7. Without external cues such as the sun, people attempting to walk in a straight line tend to walk in circles (the accompanying image shows he paths of two participants, PS and KS, attempting to walk in a straight line in an unfamiliar forest on a cloudy day). One idea is that most individuals have a tendency to turn in one direction because internal physiological asymmetries, or because of differences between legs in length or strength. Souman et al. tested for a directional tendency by blindfolding 15 participants in a large field and asking them to walk in a straight line. The numbers below are the median change in direction (turning angle) of each of the 15 participants measured in degrees per second. A negative angle refers to a left turn, whereas a positive number indicates a right turn.
-5.19, -1.20, -0.50, -0.33, -0.15, -0.15, -0.15, -0.07, 0.02, 0.02, 0.28, 0.37, 0.45, 1.76, 2.80.
a. Draw a graph showing the frequency distribution of the data. Is a trend in the mean angle suggested?
b. Do people tend to turn in one direction (e.g. left) more on average than the other direction (e.g right)? Test whether the mean angle differs from zero.

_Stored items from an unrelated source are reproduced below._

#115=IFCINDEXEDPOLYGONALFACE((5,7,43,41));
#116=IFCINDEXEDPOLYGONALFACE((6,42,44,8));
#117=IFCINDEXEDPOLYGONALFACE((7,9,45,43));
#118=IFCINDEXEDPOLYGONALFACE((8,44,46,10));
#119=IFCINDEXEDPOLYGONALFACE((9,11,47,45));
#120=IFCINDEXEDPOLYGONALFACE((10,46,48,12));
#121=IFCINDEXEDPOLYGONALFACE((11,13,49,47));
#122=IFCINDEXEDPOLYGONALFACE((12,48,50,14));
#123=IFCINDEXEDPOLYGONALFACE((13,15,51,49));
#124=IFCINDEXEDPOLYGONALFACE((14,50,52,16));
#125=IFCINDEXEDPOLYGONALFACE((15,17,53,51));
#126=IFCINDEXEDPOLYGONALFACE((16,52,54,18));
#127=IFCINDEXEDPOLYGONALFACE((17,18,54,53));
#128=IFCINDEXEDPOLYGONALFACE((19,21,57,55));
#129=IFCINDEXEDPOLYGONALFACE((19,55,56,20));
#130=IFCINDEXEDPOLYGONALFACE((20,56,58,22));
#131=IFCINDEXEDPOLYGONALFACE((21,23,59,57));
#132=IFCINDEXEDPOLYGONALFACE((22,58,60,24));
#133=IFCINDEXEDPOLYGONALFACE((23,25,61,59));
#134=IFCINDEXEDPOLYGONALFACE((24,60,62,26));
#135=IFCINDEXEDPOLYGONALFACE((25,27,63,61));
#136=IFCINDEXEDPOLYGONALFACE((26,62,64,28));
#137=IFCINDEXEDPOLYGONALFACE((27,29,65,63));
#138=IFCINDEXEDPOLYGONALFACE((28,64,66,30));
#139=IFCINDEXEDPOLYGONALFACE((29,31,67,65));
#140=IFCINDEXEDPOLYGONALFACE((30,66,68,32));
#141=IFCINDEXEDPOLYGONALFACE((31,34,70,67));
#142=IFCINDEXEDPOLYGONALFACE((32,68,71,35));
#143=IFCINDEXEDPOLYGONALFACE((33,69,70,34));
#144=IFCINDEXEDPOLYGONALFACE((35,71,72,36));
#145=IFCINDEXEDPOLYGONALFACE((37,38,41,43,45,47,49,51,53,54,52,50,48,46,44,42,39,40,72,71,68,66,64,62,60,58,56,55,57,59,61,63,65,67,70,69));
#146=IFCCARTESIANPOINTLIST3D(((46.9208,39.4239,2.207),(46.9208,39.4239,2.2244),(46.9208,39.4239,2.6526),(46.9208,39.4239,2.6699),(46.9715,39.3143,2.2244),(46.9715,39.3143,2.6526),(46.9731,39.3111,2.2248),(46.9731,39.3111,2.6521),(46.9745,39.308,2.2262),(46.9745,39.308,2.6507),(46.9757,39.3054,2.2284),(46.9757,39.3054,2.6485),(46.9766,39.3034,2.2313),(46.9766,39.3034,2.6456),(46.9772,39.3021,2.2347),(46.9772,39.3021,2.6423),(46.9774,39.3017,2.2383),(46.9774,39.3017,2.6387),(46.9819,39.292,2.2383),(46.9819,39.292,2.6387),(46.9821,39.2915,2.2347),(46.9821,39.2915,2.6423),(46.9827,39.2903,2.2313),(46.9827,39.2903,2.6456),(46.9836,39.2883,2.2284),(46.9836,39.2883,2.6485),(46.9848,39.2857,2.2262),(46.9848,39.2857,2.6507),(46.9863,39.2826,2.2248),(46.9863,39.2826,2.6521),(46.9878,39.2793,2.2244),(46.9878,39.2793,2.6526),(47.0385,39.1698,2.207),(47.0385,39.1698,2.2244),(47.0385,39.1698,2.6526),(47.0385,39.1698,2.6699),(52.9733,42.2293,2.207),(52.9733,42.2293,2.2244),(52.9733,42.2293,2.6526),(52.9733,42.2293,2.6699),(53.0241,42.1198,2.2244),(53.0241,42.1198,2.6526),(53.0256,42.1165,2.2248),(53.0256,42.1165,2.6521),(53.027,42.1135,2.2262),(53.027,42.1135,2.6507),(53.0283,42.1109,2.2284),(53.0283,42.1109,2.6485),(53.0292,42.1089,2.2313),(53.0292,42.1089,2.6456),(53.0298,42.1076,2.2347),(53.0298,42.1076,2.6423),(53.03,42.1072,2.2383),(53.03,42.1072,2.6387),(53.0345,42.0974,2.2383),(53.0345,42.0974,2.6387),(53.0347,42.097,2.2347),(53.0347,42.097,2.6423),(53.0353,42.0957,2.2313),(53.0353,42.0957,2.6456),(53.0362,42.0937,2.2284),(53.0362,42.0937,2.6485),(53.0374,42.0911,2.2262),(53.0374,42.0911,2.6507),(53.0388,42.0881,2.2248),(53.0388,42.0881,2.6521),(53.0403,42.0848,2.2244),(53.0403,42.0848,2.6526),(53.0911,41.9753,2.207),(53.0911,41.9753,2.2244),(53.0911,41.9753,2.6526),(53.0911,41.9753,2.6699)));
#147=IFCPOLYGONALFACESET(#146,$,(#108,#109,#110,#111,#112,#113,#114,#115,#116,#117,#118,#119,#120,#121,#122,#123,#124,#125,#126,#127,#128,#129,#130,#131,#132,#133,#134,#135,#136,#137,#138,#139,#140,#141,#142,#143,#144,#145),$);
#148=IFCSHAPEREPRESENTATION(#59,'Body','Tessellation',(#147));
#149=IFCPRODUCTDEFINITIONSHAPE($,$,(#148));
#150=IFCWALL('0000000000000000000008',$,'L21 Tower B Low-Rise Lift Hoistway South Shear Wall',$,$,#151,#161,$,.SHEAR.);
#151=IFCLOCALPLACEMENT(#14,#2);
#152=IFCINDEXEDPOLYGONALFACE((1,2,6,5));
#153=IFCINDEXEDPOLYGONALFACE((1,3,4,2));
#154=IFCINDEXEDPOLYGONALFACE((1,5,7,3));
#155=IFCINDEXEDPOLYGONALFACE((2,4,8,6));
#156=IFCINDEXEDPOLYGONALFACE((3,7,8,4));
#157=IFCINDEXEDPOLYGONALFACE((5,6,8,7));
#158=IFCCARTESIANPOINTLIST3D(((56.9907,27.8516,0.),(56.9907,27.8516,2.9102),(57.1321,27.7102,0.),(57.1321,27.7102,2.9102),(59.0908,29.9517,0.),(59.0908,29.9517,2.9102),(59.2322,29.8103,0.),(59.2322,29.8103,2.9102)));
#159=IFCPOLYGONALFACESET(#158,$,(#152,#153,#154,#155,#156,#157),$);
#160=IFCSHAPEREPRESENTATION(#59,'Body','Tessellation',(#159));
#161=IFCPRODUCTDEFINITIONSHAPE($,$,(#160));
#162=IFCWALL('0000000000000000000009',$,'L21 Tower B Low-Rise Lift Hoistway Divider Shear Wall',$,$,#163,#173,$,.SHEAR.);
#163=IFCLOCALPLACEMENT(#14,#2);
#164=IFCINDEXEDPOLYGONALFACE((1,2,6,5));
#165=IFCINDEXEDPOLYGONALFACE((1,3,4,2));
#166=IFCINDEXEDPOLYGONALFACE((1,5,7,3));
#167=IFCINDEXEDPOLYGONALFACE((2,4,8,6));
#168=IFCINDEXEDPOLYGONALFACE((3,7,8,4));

c. Based on your results in part (b), is the following statement justified? "People do not have a tendency to turn more in one direction, on average, than the other direction." Explain.
8. Functionally important traits in animals tend to vary little from one individual to the next within populations, possible because individuals that deviate too much from the mean die sooner or leave fewer offspring in the long run. If so, does variance in a trait rise after it becomes less functionally important? Billet et al. (2012) investigated this question with the semicircular canals (SC) of the inner ear of the three-toed sloth. Sloths move very slowly and infrequently, and the authors suggested that this behavior reduces the functional demands on this SC, whish usually provide information on angular head movement to the brain. Indeed, the motion signal from the SC to the brain may be very weak in sloths as compared to faster moving animals. The following numbers are measurements of the ratio of the length to the width of the anterior semicircular canals in seven sloths. Assume that this represents a random sample.
1.53, 1.06, 0.93, 1.38, 1.47, 1.20, 1.16
a. In related, faster-moving animals, the standard deviation of the ratio of the length to the width of the anterior semicircular canals is known to be 0.09. What is the estimate of standard deviation of this measurement in three-toed sloths?
b. Based on these data, what is the most plausible range of values for the population standard deviation in the three-toed sloth? Does this range include the known value of the standard deviation in related, faster moving species?
c. What additional assumption is required for your answer in (b)? What do you know about how sensitive the confidence interval calculation is when the assumption is not met?